Mani Ratnam’s Ponniyin Selvan was instrumental in bringing back family crowds to theatres in Tamil Nadu. Generations in the state grew up on Kalki Krishnamurthy’s five-part historical novel and the scale at which the film was made with a dream star cast and a top-notch technical team, prompted viewers to catch it on the big screen. This is another case where the filmmaker stuck to making a film for his core audience and the result didn’t disappoint him. The film tasted limited success beyond its Tamil version, but it managed to be a highly profitable venture for the producers on the whole.

Major, the Sandeep Unnikrishnan biopic starring Adivi Sesh (Hindi-Telugu bilingual), Dulquer Salman-Mrunal Thakur’s Sita Ramam (Telugu), Rakshit Shetty’s 777 Charlie (Kannada) made their mark at the box office across languages and on OTT later. A few widely-marketed biggies from the South faced rejection as well – Vijay Deverakonda’s Liger and Prabhas’ Radhe Shyam being the most prominent among them all. The modest response to Sudeep’s Vikrant Rona wasn’t anticipated either.

If the other industries in the South made noise for their box office returns, Malayalam cinema continued to be revered on OTT for its writing and realistic treatment.
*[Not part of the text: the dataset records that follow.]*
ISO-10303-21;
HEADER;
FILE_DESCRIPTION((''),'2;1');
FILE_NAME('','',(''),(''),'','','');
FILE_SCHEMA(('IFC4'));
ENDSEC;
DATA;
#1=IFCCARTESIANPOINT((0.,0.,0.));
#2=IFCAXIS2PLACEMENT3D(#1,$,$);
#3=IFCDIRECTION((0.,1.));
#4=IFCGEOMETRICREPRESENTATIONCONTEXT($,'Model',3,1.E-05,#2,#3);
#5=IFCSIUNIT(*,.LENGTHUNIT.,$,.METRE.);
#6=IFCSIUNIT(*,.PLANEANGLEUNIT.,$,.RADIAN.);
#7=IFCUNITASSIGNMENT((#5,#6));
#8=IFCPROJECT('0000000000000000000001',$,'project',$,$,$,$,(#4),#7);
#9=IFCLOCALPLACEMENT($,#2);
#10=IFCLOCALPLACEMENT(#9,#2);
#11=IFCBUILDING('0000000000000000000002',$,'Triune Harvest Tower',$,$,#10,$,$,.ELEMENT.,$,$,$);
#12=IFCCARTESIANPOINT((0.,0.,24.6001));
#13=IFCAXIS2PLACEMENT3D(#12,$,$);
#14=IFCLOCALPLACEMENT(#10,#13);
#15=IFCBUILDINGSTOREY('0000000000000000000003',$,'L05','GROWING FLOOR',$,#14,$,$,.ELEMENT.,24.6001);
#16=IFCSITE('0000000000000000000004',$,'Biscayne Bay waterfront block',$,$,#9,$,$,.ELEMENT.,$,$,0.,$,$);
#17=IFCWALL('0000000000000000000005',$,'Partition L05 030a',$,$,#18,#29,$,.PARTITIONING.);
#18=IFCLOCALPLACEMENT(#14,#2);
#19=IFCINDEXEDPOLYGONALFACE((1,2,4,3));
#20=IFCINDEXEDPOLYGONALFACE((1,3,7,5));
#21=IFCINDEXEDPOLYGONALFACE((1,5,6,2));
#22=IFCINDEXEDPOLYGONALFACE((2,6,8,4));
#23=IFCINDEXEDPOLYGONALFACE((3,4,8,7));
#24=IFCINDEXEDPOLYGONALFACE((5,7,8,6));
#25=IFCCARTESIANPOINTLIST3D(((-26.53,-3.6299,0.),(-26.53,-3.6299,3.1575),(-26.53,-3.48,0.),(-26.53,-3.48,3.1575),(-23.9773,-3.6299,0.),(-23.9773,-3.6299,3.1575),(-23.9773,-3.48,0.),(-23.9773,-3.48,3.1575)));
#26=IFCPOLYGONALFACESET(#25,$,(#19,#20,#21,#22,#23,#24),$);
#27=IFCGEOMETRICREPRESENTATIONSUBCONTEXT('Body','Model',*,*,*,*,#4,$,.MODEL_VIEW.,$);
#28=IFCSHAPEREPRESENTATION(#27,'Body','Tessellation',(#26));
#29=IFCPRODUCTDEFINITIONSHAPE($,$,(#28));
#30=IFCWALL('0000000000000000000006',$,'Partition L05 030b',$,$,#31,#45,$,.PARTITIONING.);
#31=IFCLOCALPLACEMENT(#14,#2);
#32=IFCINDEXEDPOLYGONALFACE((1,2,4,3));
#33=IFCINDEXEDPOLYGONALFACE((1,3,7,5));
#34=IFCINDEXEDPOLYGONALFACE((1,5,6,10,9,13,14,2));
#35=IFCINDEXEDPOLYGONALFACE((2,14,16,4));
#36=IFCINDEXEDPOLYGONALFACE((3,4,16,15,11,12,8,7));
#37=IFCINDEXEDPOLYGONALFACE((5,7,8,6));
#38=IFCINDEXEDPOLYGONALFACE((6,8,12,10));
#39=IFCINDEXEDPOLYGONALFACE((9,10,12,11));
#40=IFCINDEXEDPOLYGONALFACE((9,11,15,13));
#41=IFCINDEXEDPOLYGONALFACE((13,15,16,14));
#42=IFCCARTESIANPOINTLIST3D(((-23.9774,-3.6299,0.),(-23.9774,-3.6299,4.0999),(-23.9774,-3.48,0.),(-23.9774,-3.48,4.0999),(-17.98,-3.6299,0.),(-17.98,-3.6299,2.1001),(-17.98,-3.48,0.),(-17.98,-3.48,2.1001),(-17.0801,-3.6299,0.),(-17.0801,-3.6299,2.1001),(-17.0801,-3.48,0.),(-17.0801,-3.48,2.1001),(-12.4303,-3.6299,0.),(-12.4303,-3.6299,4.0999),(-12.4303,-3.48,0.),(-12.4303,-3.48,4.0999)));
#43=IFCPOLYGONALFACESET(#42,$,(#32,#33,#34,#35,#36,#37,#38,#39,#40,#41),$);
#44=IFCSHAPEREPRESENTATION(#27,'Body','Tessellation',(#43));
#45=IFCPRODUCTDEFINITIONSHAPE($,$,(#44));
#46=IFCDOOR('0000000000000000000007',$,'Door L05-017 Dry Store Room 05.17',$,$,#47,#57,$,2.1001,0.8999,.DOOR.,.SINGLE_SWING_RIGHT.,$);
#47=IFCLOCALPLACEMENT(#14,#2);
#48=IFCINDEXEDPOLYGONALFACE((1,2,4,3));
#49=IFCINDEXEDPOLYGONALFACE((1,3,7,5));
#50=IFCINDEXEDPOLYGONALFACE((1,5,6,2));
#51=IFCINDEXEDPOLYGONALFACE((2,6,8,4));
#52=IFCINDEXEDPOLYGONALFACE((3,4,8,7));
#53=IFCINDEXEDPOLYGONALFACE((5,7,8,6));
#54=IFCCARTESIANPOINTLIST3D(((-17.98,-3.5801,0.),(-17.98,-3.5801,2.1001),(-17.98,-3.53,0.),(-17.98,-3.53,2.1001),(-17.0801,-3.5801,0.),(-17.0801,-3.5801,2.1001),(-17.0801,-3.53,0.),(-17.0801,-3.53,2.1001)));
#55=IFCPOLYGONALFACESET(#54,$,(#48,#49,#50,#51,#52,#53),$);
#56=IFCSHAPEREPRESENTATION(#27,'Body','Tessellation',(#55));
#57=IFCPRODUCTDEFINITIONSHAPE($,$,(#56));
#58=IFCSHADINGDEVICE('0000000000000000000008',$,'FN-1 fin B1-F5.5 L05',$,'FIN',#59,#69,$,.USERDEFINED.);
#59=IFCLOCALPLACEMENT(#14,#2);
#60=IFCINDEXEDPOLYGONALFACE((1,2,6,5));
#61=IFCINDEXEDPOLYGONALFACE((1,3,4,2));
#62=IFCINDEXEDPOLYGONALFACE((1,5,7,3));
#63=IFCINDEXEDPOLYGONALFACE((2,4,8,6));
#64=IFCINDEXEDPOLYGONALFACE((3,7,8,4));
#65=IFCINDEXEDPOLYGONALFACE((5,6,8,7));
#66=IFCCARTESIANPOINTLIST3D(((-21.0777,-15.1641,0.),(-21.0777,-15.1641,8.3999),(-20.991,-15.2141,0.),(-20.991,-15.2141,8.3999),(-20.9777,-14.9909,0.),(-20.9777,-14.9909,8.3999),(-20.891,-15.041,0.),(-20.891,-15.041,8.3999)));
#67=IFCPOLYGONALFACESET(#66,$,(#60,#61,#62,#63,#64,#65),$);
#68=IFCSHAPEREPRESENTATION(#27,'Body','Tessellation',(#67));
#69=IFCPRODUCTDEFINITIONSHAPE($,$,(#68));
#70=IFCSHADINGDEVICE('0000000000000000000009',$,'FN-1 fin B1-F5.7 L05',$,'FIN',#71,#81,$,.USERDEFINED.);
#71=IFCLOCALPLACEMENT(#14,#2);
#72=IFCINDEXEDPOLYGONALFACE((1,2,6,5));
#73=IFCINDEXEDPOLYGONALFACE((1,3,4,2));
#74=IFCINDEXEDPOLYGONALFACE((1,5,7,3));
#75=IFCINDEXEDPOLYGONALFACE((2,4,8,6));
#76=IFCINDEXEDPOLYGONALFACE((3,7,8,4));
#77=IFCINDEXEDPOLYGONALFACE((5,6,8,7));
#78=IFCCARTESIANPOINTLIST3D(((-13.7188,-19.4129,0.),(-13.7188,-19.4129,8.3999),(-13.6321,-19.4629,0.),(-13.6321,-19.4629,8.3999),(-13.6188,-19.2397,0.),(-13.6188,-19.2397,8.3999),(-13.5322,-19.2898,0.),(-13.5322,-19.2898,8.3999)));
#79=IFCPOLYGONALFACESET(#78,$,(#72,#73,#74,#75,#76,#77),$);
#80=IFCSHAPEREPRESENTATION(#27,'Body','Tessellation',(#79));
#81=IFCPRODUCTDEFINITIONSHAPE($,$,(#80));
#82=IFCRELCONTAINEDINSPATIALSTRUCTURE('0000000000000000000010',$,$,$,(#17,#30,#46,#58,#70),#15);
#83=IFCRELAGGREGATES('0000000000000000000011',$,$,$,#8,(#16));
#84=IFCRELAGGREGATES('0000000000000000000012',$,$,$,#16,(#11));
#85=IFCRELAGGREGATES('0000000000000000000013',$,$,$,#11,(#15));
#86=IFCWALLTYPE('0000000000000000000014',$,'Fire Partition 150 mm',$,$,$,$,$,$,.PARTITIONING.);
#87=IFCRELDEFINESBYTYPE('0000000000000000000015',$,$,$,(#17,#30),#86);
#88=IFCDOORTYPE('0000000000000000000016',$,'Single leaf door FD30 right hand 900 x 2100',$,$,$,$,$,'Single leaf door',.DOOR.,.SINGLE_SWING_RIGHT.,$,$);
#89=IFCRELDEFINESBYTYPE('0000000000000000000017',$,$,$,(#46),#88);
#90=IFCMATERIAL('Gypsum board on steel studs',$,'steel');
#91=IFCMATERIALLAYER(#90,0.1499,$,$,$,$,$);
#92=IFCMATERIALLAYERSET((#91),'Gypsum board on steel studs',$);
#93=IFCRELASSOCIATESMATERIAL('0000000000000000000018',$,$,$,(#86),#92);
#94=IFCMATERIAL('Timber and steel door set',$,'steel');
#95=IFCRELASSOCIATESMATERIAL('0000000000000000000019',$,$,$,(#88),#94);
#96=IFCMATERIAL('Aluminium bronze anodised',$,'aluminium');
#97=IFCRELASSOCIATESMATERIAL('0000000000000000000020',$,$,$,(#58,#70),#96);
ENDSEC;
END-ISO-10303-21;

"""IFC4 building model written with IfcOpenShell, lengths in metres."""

from ifc_helpers import new_model, si_unit, direction, frame, frame_2d, origin, origin_2d, place, context, subcontext, project, spatial, rectangle, extrude, source, transform, mapped, material, layer, layer_set, type_object, element, fill, save


model = new_model("IFC4")

# Units and contexts
model_context = context("Model", 3, precision=1e-05, world=origin(), true_north=direction((0.0, 1.0)))
body_context = subcontext(model_context, "Body", "Model", "MODEL_VIEW")
ifc_project = project(units=[si_unit("LENGTHUNIT", "METRE"), si_unit("PLANEANGLEUNIT", "RADIAN")], contexts=[model_context])

# Site, building, storey
site_placement = place(None, origin())
site = spatial("IfcSite", under=ifc_project, at=site_placement, Name="Biscayne Bay waterfront block", CompositionType="ELEMENT", RefElevation=0.0)
building_placement = place(site_placement, origin())
building = spatial("IfcBuilding", under=site, at=building_placement, Name="Triune Harvest Tower", CompositionType="ELEMENT")
storey_placement = place(building_placement, frame((0.0, 0.0, 24.6001)))
storey = spatial("IfcBuildingStorey", under=building, at=storey_placement, Name="L05", Description="GROWING FLOOR", CompositionType="ELEMENT", Elevation=24.6001)

# Wall
ifc_material_1 = material(Name="Gypsum board on steel studs", Category="steel")
ifc_layer_1 = layer(ifc_material_1, 0.1499)
ifc_layer_set_1 = layer_set([ifc_layer_1], Name="Gypsum board on steel studs")
wall_type = type_object("IfcWallType", Name="Fire Partition 150 mm", PredefinedType="PARTITIONING", material=ifc_layer_set_1)
shared_shape_1 = source(origin(), body_context, "Body", "SweptSolid", [
    extrude(rectangle(XDim=2.5527, YDim=0.1499, at=frame_2d((1.2764, 0.0))), origin(), (0.0, 0.0, 1.0), 3.1575),
])
wall_1_placement = place(storey_placement, frame((-26.53, -3.5549, 0.0), z_axis=(0.0, 0.0, 1.0), x_axis=(1.0, 0.0, 0.0)))
element("IfcWall", 1, at=wall_1_placement, inside=storey, type_object=wall_type, Name="Partition L05 030a", PredefinedType="PARTITIONING", context=body_context, shape_type="MappedRepresentation", body=[
    mapped(shared_shape_1, transform((0.0, 0.0, 0.0), scale=1.0)),
])

# Wall, opening, door
shared_shape_2 = source(origin(), body_context, "Body", "SweptSolid", [
    extrude(rectangle(XDim=11.5471, YDim=0.1499, at=frame_2d((5.7734, 0.0))), origin(), (0.0, 0.0, 1.0), 4.0999),
])
wall_2_placement = place(storey_placement, frame((-23.9773, -3.5549, 0.0), z_axis=(0.0, 0.0, 1.0), x_axis=(1.0, 0.0, 0.0)))
wall_2 = element("IfcWall", 2, at=wall_2_placement, inside=storey, type_object=wall_type, Name="Partition L05 030b", PredefinedType="PARTITIONING", context=body_context, shape_type="MappedRepresentation", body=[
    mapped(shared_shape_2, transform((0.0, 0.0, 0.0), scale=1.0)),
])
opening_placement = place(wall_2_placement, frame((5.9973, 0.0, 0.0)))
opening = element("IfcOpeningElement", 3, at=opening_placement, cuts=wall_2, PredefinedType="OPENING", context=body_context, shape_type="SweptSolid", body=[
    extrude(rectangle(XDim=0.8999, YDim=2.1001, at=frame_2d((0.45, 1.05))), frame((0.0, 0.085, 0.0), z_axis=(0.0, -1.0, 0.0), x_axis=(1.0, 0.0, 0.0)), (0.0, 0.0, 1.0), 0.1699),
])
ifc_material_2 = material(Name="Timber and steel door set", Category="steel")
door_type = type_object("IfcDoorType", Name="Single leaf door FD30 right hand 900 x 2100", ElementType="Single leaf door", OperationType="SINGLE_SWING_RIGHT", PredefinedType="DOOR", material=ifc_material_2)
door_placement = place(opening_placement, origin())
door = element("IfcDoor", 4, at=door_placement, inside=storey, type_object=door_type, Name="Door L05-017 Dry Store Room 05.17", OperationType="SINGLE_SWING_RIGHT", OverallHeight=2.1001, OverallWidth=0.8999, PredefinedType="DOOR", context=body_context, shape_type="SweptSolid", body=[
    extrude(rectangle(XDim=0.8999, YDim=2.1001, at=frame_2d((0.45, 1.05))), frame((0.0, 0.0249, 0.0), z_axis=(0.0, -1.0, 0.0), x_axis=(1.0, 0.0, 0.0)), (0.0, 0.0, 1.0), 0.05),
])
fill(opening, door)

# Shading devices
ifc_material_3 = material(Name="Aluminium bronze anodised", Category="aluminium")
shared_shape_3 = source(origin(), body_context, "Body", "SweptSolid", [
    extrude(rectangle(XDim=0.1001, YDim=0.2, at=origin_2d()), origin(), (0.0, 0.0, 1.0), 8.3999),
])
for number, where, z_axis, x_axis, name in (
    (5, (-20.9844, -15.1025, 0.0), (0.0, 0.0, 1.0), (0.866025, -0.5, 0.0), "FN-1 fin B1-F5.5 L05"),
    (6, (-13.6255, -19.3513, 0.0), (0.0, 0.0, 1.0), (0.866025, -0.5, 0.0), "FN-1 fin B1-F5.7 L05"),
):
    element("IfcShadingDevice", number, at=place(storey_placement, frame(where, z_axis=z_axis, x_axis=x_axis)), inside=storey, material=ifc_material_3, Name=name, ObjectType="FIN", PredefinedType="USERDEFINED", context=body_context, shape_type="MappedRepresentation", body=[
        mapped(shared_shape_3, transform((0.0, 0.0, 0.0), scale=1.0)),
    ])

save(model, "model.ifc")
Films like Hridayam, Thallumaala, Jana Gana Mana, Bheeshma Parvam, Rorschach, Bro Daddy and Malayankunju earned their due from streaming enthusiasts.

The elephant in the room while discussing the popularity of South Indian Cinema is the absence of well-written female characters with agency and identity. There’s a problem with how Pushpa, RRR, Vikram, Kantara and KGF 2 treated its women. If Rashmika in Pushpa was nothing beyond the romantic interest of Allu Arjun, Alia Bhatt’s impact in RRR was extremely restrictive. Vikram was too obsessed with its men to offer any concrete roles for women and the portrayal of Sapthami Gowda in Kantara wasn’t in great taste either.

The inclusivity that South Indian cinema is experiencing across the country is indeed a heartwarming sign, but filmmakers shouldn’t get distracted by their growing audience base or try too hard to decode the ways of the trade. The beauty and the enigma of cinema is its ever-changing nature. The best one could do is to make a film for the right reasons and tell a darn good story.